Then it sounds like you would find utility in acquiring and carrying a Swiss Army knife just in case.  Others may find differently.



Daniel Sullivan said:


> If taekwondo were my primary art?  Sure.  It would open up opporunities to train with seniors that I would otherwise have no connection to.  If a ITF school or ATA school were willing to bring me in to test for one for a non-onerous fee, I'd be happy to.
> Daniel



Well, clearly it would.  Only you can decide if it is worth the added time and money.  Much like the decision-making points others have in trying to decide whether to pursue KKW certification.


----------



## Daniel Sullivan (Feb 2, 2011)

dancingalone said:


> You don't see the proposition that we should all join in the collective under the KKW as patronizing or arrogant?


*That* is not what I responded to. 

I responded to *this*: 





dancingalone said:


> Surely you can see that to a non-KKW person, the idea that they could benefit from taking a KKW cert might come across as patronizing or arrogant?


 
and said that "_I don't see the idea that someone could benefit as patronizing or arrogant_." 

I did *not*, however, say that I "_don't see the proposition that we should all join in the collective under the KKW as patronizing or arrogant_."



dancingalone said:


> Especially as when it is assumed a priori that this is 'truth'? I don't know what to say then.
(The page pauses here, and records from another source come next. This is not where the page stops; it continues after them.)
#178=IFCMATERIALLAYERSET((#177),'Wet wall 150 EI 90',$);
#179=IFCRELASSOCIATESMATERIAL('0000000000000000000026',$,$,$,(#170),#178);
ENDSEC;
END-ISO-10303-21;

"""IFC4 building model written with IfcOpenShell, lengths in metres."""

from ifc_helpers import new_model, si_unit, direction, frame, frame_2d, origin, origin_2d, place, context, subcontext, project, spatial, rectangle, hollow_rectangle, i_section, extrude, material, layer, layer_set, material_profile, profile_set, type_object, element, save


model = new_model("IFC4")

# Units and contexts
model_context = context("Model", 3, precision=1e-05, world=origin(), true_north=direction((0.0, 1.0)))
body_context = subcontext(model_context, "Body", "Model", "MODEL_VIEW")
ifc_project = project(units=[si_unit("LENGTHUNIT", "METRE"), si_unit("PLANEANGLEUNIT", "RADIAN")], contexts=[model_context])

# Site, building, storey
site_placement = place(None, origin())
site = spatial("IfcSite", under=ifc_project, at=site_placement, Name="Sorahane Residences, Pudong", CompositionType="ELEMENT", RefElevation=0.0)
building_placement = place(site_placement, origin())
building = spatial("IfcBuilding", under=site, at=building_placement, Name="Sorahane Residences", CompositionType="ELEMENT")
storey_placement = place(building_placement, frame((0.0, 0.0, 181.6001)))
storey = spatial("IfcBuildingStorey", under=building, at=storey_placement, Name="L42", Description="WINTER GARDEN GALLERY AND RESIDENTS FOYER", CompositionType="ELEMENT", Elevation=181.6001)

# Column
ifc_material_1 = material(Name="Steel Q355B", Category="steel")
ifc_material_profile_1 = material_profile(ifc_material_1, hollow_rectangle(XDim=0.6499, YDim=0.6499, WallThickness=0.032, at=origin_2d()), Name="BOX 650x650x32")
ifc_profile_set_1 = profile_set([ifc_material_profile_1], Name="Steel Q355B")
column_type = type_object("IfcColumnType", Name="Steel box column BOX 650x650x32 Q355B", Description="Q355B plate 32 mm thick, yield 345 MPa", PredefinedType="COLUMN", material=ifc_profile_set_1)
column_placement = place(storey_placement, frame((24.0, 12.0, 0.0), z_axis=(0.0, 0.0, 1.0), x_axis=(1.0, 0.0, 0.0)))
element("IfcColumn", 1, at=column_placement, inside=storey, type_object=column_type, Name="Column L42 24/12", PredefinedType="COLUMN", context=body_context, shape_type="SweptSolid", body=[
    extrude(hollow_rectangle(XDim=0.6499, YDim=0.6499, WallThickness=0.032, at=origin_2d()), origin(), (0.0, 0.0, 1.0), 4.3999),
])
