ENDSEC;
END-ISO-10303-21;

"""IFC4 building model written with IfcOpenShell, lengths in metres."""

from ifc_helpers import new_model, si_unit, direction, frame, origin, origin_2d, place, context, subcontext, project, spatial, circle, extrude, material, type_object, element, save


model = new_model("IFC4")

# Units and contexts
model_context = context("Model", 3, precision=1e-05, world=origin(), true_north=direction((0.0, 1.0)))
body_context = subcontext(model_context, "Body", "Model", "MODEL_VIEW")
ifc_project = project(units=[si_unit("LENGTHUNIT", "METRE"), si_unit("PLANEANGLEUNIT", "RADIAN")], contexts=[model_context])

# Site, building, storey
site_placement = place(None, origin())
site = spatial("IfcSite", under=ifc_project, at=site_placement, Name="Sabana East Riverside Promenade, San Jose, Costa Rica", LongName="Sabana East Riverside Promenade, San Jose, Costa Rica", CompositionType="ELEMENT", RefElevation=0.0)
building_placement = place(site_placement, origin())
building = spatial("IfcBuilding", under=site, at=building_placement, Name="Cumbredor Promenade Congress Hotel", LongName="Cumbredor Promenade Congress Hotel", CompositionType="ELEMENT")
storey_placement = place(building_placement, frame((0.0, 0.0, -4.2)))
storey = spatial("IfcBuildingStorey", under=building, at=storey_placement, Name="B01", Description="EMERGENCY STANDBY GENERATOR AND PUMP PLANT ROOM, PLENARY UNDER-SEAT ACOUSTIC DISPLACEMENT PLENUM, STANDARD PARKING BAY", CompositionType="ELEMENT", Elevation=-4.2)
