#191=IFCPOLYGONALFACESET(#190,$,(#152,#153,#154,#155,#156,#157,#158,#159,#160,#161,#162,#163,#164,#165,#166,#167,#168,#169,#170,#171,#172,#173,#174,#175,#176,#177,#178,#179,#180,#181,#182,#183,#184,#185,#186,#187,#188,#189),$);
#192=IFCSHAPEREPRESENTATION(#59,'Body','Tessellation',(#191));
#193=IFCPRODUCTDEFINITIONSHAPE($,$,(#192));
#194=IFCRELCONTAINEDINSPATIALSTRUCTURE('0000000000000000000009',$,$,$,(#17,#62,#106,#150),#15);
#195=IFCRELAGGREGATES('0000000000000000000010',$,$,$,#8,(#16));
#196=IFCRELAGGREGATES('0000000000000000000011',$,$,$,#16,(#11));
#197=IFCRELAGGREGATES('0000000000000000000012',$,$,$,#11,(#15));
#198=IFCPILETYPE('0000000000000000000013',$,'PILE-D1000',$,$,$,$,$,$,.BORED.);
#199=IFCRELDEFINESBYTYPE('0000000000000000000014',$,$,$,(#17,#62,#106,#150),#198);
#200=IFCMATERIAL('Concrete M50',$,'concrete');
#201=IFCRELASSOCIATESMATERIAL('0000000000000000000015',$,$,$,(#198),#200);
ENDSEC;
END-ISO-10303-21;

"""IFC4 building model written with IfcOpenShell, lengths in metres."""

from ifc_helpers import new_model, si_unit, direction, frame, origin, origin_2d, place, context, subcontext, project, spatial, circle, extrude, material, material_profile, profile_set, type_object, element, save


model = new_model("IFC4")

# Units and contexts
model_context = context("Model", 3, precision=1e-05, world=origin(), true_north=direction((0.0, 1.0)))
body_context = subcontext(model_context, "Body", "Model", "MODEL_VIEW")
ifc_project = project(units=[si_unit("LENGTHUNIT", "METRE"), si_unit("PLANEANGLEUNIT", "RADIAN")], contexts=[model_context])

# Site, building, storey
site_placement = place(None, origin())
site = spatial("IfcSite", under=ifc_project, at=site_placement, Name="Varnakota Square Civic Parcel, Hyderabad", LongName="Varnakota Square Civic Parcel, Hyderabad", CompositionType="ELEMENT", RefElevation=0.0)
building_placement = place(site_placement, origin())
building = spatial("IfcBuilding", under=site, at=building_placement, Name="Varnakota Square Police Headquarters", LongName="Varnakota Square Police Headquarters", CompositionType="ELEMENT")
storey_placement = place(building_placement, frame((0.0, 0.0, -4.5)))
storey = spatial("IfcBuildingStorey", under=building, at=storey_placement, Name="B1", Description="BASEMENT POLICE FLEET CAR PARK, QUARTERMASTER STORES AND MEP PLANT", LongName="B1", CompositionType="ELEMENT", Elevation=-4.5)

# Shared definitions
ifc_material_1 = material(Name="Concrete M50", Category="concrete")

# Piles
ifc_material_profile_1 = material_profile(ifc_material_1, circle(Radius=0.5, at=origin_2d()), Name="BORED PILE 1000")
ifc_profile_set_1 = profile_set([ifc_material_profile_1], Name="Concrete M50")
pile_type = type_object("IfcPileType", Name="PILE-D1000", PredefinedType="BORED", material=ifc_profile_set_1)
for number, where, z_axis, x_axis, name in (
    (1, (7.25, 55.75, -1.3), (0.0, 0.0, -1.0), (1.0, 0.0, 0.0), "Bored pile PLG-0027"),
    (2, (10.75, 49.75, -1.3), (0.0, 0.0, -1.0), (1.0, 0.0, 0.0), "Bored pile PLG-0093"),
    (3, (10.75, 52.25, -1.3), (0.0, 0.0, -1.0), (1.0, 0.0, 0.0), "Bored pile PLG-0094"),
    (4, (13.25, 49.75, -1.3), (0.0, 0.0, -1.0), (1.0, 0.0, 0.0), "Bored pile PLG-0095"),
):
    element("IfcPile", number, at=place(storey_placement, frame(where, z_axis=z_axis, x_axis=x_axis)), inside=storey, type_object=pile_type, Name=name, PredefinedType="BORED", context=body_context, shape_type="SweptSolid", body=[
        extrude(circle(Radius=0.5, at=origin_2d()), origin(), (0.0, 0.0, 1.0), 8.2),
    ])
How is this being presented as 'this is truth'?

The only time truth has come up was in Terry's 'true taekwondo' thread. 

If you are referring to my posts there, I was pretty clear (or at least tried to be) that I was speaking hypothetically and that as far as I am concerned, any taekwondo descended from the five original kwans is true taekwondo. 
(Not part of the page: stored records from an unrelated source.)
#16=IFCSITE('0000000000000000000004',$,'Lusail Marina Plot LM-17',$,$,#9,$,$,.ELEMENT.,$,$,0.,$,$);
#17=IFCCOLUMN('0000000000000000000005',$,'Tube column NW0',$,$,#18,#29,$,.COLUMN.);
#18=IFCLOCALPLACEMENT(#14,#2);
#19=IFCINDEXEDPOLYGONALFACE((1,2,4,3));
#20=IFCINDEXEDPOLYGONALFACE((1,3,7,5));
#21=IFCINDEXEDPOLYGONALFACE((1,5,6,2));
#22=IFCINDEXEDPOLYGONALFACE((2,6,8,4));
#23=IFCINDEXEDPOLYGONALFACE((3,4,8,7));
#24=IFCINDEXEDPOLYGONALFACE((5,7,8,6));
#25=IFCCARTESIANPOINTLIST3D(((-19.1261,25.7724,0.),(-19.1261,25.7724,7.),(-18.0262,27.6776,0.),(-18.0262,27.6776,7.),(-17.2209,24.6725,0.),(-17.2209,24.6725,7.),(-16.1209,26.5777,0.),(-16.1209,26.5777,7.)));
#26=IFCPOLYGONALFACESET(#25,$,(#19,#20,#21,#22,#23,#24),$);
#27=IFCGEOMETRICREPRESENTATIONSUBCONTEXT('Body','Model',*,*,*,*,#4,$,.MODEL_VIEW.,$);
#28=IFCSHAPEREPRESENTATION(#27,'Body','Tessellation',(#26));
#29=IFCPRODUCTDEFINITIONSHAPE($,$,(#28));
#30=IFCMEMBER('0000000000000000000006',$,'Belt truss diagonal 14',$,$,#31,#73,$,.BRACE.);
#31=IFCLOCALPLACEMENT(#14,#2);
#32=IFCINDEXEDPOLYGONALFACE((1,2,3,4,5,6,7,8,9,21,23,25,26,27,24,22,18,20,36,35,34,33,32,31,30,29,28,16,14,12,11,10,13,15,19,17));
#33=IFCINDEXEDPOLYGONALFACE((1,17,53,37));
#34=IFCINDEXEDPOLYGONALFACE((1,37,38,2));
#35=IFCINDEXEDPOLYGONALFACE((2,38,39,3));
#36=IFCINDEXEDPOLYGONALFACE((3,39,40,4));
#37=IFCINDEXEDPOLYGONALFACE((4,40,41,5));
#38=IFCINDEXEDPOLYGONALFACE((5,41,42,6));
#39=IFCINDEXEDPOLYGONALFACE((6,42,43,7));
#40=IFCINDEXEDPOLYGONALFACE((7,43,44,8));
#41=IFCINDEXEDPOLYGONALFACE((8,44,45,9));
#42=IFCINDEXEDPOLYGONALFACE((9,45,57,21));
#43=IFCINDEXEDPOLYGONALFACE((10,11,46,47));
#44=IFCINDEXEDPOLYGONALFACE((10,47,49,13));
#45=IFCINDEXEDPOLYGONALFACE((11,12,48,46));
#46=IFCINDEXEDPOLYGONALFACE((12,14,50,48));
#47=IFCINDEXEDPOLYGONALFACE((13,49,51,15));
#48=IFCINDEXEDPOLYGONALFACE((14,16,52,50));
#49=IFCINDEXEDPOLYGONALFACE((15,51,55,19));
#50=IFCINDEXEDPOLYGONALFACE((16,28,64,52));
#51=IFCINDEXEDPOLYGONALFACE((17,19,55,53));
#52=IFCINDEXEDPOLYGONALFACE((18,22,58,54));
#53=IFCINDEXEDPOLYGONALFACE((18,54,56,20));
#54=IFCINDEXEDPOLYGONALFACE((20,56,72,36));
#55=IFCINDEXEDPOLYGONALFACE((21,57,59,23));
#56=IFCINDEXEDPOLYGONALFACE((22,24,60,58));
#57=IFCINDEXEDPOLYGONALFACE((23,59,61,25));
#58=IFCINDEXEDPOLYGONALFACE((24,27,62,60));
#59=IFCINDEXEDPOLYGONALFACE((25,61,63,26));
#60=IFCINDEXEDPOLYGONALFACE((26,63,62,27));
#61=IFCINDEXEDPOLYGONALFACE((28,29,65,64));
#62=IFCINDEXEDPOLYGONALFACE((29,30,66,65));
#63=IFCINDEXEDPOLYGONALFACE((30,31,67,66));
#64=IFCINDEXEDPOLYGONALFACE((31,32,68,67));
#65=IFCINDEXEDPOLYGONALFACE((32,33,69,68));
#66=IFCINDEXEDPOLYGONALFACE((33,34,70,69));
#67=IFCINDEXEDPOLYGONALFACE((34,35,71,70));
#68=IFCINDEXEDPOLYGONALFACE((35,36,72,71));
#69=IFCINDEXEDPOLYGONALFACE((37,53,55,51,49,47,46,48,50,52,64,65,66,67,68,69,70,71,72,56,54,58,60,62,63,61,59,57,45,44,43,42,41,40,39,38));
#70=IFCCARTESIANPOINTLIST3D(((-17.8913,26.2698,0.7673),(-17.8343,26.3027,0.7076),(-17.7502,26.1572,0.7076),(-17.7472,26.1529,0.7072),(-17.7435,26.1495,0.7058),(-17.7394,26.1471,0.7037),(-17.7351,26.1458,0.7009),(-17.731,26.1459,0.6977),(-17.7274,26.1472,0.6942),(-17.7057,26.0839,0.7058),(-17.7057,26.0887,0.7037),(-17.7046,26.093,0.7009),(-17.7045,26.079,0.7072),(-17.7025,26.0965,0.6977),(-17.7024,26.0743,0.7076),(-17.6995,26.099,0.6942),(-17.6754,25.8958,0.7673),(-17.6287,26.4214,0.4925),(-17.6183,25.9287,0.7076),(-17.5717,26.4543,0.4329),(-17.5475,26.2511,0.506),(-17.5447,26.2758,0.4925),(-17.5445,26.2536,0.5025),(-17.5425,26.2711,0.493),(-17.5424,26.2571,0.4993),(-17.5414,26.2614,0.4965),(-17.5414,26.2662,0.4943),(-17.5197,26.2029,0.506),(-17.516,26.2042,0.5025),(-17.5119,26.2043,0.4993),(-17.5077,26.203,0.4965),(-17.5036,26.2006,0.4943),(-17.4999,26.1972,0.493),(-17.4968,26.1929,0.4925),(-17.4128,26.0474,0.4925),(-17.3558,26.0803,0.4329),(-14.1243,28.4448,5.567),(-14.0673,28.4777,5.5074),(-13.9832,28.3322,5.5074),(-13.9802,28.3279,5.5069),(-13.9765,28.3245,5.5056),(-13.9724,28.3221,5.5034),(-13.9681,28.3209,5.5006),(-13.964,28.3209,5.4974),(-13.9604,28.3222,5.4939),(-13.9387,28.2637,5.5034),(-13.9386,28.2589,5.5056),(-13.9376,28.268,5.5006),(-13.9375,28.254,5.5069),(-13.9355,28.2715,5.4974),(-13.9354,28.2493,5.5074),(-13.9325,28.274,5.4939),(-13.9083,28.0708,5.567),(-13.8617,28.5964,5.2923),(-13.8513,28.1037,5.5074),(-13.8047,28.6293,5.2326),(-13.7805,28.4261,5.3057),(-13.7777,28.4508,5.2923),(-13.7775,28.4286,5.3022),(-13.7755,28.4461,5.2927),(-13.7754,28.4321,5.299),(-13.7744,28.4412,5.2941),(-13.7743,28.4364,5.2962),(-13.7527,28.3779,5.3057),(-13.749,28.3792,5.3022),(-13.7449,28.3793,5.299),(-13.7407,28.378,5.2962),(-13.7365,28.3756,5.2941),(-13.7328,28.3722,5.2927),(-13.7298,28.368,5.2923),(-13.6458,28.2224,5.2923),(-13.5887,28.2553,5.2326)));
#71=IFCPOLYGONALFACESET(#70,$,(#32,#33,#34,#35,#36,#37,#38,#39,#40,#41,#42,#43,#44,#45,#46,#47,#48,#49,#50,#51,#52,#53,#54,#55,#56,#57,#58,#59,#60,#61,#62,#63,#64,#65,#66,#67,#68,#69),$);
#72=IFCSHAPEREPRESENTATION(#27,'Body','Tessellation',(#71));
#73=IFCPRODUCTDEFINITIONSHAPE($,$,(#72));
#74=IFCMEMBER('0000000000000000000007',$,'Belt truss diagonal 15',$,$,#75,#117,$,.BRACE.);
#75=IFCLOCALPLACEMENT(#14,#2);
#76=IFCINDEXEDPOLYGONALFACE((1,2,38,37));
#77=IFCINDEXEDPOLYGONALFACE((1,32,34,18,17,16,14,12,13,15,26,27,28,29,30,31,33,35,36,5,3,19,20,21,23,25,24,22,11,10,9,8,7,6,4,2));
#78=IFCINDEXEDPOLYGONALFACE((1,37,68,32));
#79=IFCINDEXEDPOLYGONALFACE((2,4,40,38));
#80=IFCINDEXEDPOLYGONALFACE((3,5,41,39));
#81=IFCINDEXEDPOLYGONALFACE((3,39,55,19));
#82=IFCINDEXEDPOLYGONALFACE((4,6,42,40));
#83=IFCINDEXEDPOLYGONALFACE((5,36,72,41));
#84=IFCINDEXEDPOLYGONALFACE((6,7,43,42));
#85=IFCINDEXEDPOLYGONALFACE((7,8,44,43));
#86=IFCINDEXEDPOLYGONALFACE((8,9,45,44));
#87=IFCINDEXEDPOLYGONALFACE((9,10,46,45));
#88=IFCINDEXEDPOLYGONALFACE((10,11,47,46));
If you are referring to something that Glenn or someone else said, then they will have respond.

Daniel


----------



## terryl965 (Feb 2, 2011)

puunui said:


> No I don't. I have repeatedly said that if you do not want Kukkiwon certification, fine don't get it. Again, please do not misrepresent me or my position on anything.


 
Glen you do say don't get it but the way you present it say otherwise alot of the times. Maybe I am reading it wrong, if so sorry.:asian:


----------



## terryl965 (Feb 2, 2011)

puunui said:


> Being "worthy enough" has nothing to do with it. Everyone should have access to Kukkiwon certification, no matter who they are.


 
puuniu I can understand your point but in reality everybody does not have access to them.I have a set of students with me that there old instructor took the money and never ever got the certificates, of course that has been taken care of but that is still a major problem here in the US. To many instructor never ever turn anything in and when the student seperates they find out. I like this position of yours that everyone should have access to them.


----------



## puunui (Feb 2, 2011)

dancingalone said:


> I'm discussing the idea that everyone should acquire KKW certification.  The fact that it was created to be inclusive doesn't mean all should go ahead and join or that those who didn't or their teachers didn't should feel like lesser taekwondo-in for it.
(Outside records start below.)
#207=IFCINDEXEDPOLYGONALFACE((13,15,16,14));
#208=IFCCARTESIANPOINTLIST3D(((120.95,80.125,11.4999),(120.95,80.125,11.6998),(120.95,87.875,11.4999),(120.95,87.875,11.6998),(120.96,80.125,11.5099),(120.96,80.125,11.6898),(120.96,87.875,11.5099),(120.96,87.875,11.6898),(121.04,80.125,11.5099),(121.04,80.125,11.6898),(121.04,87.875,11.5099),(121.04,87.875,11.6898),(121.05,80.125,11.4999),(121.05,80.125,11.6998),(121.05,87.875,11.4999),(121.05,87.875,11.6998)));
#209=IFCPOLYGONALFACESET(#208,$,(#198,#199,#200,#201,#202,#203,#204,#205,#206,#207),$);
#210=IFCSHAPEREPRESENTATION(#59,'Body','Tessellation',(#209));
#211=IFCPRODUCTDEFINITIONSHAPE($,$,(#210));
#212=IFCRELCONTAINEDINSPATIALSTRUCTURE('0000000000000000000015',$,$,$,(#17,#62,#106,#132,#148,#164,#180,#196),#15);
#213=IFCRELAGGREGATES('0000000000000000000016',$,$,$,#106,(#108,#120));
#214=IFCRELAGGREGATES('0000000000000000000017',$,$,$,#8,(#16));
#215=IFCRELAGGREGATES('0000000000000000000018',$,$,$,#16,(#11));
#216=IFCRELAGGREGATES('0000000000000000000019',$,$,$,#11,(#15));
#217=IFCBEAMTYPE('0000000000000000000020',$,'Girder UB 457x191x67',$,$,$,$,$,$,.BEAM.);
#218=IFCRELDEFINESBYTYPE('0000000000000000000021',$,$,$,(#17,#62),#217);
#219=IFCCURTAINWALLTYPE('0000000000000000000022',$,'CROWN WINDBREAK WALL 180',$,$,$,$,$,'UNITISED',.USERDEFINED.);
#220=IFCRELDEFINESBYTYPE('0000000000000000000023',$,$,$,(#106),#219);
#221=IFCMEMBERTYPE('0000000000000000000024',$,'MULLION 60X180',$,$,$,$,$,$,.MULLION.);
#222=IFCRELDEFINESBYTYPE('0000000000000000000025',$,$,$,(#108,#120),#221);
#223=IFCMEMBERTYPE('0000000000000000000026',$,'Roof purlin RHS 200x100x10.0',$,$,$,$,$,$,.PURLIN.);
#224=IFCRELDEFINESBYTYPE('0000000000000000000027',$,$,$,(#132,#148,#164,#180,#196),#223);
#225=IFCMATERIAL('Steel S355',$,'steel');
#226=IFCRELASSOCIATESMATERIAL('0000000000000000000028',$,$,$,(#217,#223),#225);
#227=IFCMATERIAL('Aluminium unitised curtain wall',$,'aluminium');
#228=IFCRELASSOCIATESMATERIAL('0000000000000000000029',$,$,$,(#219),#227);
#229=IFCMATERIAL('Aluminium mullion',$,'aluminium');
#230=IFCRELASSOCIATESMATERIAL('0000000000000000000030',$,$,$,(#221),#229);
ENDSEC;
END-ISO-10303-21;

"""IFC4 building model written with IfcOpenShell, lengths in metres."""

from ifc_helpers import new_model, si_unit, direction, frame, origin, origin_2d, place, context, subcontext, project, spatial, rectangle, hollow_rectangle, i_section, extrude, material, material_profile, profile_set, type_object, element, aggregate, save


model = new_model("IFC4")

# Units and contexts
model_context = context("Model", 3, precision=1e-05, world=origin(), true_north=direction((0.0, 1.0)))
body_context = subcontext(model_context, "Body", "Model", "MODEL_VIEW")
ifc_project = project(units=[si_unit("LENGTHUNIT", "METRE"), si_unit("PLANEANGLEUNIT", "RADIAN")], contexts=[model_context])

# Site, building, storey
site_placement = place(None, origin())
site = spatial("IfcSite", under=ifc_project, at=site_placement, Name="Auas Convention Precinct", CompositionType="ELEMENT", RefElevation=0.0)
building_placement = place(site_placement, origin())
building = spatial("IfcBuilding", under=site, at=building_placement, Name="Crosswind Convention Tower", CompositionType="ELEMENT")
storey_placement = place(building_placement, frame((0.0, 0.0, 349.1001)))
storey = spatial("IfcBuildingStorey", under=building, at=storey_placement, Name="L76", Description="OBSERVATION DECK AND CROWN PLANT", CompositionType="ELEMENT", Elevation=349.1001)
Again, I don't know about the idea that everyone should get it, more so the idea that I think everyone should have access to it. That is the big problem, people who want it but do not have access, or at least that is how they feel, not forcing everyone to get Kukkiwon certification. That is part of the mission statement of USTC, giving people access to the Kukkiwon who otherwise do not have access. It isn't about making everyone get Kukkiwon certification or forcing everyone to accept Kukkiwon certification. Again, if you don't want it, no one is forcing you to get it.


----------



## puunui (Feb 2, 2011)

terryl965 said:


> puuniu I can understand your point but in reality everybody does not have access to them.I have a set of students with me that there old instructor took the money and never ever got the certificates, of course that has been taken care of but that is still a major problem here in the US. To many instructor never ever turn anything in and when the student seperates they find out. I like this position of yours that everyone should have access to them.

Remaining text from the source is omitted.